GBTA Panel: Sharing Economy Poses Big Challenges for Biz Travel
by Barbara Peterson /ORLANDO –– The sharing economy is having a profound impact on the way businesses book and manage travel. And for corporate travel departments, the impact is not always benign, judging from comments at the recent Global Business Travel Association convention here.
With everything from hotels to ground transportation feeling the effects of upstarts like Uber, Lyft, and Airbnb, travel managers are facing numerous challenges on issues ranging from travel policy compliance to an employer’s “duty of care” obligations when employees are on the road.
Fueling the trend is the public’s increasing reliance on mobile devices and the popularity of on-demand apps for travel booking, said Guy Langford, vice chairman and U.S. leader of Deloitte’s Travel, Hospitality & Leisure division. Langford moderated a panel discussion on differentiating brands.
Blurring the lines
Noting that individual travelers increasingly want to choose their own hotels for business travel, rather than go through official preferred channels, Langford said that “the lines are blurred “ between corporate and personal travel.
In fact, said panelist Chip Conley, Airbnb’s head of global hospitality and strategy, the buzzword du jour is “bleisure,” a comment that drew laughter. It’s not corporate versus leisure anymore, he said. “It’s a blending.
“Whether you are staying in an Airbnb accommodation or a hotel, business travelers are looking for discovery,” he said.
Airbnb goes corporate
Airbnb recently rolled out tools to enable corporate travel managers to look at employees’ Airbnb bookings and to centralize company billing for those charges. But the hospitality site doesn’t give managers control over which listings––out of a total of 1.5 million––can be seen by the individual traveler.

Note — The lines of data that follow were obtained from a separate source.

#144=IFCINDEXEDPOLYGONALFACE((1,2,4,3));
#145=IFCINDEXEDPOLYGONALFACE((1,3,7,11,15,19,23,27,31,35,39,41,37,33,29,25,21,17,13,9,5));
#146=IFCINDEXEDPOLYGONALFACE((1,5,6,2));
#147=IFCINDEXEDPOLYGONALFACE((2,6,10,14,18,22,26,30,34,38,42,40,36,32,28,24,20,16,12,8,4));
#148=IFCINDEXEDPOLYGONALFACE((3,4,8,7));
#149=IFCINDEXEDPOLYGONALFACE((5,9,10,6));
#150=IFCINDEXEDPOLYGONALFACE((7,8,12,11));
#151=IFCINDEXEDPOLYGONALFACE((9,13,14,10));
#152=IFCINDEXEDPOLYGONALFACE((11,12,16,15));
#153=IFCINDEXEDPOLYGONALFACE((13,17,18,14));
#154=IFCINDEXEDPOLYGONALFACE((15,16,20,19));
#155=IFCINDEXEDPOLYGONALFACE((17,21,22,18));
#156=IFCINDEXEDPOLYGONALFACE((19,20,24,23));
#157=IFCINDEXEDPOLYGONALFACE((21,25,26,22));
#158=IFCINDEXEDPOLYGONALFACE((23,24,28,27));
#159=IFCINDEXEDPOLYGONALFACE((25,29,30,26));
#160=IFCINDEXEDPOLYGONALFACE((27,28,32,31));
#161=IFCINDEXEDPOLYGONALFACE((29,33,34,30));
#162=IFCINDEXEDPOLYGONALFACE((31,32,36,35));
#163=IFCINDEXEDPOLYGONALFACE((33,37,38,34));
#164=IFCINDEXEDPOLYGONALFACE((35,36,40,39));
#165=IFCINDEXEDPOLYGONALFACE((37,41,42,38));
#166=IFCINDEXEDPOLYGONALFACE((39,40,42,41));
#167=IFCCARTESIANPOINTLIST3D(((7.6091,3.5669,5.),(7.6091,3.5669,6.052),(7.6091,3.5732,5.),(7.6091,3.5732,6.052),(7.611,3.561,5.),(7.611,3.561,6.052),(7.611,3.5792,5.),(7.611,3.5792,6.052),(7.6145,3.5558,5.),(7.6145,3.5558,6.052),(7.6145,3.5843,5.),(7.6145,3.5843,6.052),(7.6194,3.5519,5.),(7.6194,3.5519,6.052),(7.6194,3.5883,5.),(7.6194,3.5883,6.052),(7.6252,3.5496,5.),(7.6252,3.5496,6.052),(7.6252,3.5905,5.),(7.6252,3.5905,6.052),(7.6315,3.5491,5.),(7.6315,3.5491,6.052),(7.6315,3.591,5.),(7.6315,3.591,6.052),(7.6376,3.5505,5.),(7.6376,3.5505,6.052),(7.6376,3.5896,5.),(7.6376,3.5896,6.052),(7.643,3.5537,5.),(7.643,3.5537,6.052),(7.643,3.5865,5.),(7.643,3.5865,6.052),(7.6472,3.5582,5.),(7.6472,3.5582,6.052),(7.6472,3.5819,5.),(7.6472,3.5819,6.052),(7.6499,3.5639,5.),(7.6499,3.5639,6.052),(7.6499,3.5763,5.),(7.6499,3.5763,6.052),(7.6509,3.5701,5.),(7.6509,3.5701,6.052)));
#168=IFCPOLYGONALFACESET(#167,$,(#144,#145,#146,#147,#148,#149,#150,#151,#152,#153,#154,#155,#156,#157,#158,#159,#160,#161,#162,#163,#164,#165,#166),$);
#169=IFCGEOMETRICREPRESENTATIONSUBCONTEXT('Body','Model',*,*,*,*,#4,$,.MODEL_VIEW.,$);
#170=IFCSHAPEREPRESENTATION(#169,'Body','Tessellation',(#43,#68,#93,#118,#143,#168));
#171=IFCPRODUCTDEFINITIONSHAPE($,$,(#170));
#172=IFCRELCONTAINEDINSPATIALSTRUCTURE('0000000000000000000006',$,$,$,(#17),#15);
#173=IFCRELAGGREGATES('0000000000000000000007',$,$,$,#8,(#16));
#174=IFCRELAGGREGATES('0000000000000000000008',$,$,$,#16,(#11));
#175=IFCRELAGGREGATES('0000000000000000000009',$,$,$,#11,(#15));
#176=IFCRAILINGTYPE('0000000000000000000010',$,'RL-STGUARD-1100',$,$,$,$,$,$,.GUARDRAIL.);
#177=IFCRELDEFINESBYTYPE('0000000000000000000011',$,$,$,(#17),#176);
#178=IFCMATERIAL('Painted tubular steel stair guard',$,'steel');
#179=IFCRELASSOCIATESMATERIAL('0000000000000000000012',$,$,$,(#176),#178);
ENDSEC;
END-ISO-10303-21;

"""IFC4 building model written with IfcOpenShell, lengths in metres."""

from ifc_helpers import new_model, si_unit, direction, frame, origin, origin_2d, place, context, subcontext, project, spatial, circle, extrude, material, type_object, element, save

Still, as Conley suggested, the upstart is responding to concerns from employers that travelers are “going rogue” and booking outside their managed travel programs. A business travel program launched a year ago has experienced 700% growth, with more than 250 companies signing on, including Google and global ad network TBWA.
“Sharing is mainstream,” Conley said, noting that surveys show that 27% of Americans have used on-demand booking apps. Millennial travelers, unsurprisingly, are a big part of the sharing economy: Nearly half of this activity, 48%, is from consumers between the ages of 18 and 34.
Staying current
Speakers at GBTA who hailed from the more traditional side of the business agreed that they need to adapt.
Douglas Anderson, CEO of Carlson Wagonlit Travel, acknowledged that “travelers are looking for experience” and are less inclined to go with accommodations picked out by their bosses.
At the same time, he said, “we’re working to bring more clients back into their managed travel program.” He said Carlson is investing heavily “ to make sure travelers have access to content” via user-friendly features.
“The key to the equation is mobile technology,” he said.
One problem is the availability of hotel content in the GDS systems, Anderson said, adding that Carlson Wagonlit has brought some 3,000 properties into its own system that “weren’t available in the past.”
‘Managed Travel 3.0’
Scott Alvis, chief marketing officer of Amadeus North America, referred to this changing environment as “Managed Travel 3.0.”
Corporate travelers “expect much better integration” of functions on their devices, Alvis said, noting that Amadeus is working with Microsoft on features like “calendar integration.”
On the question of how often leisure rates are being used for corporate travel, he said the issue really comes down to “how do we bring this into the corporate channel?”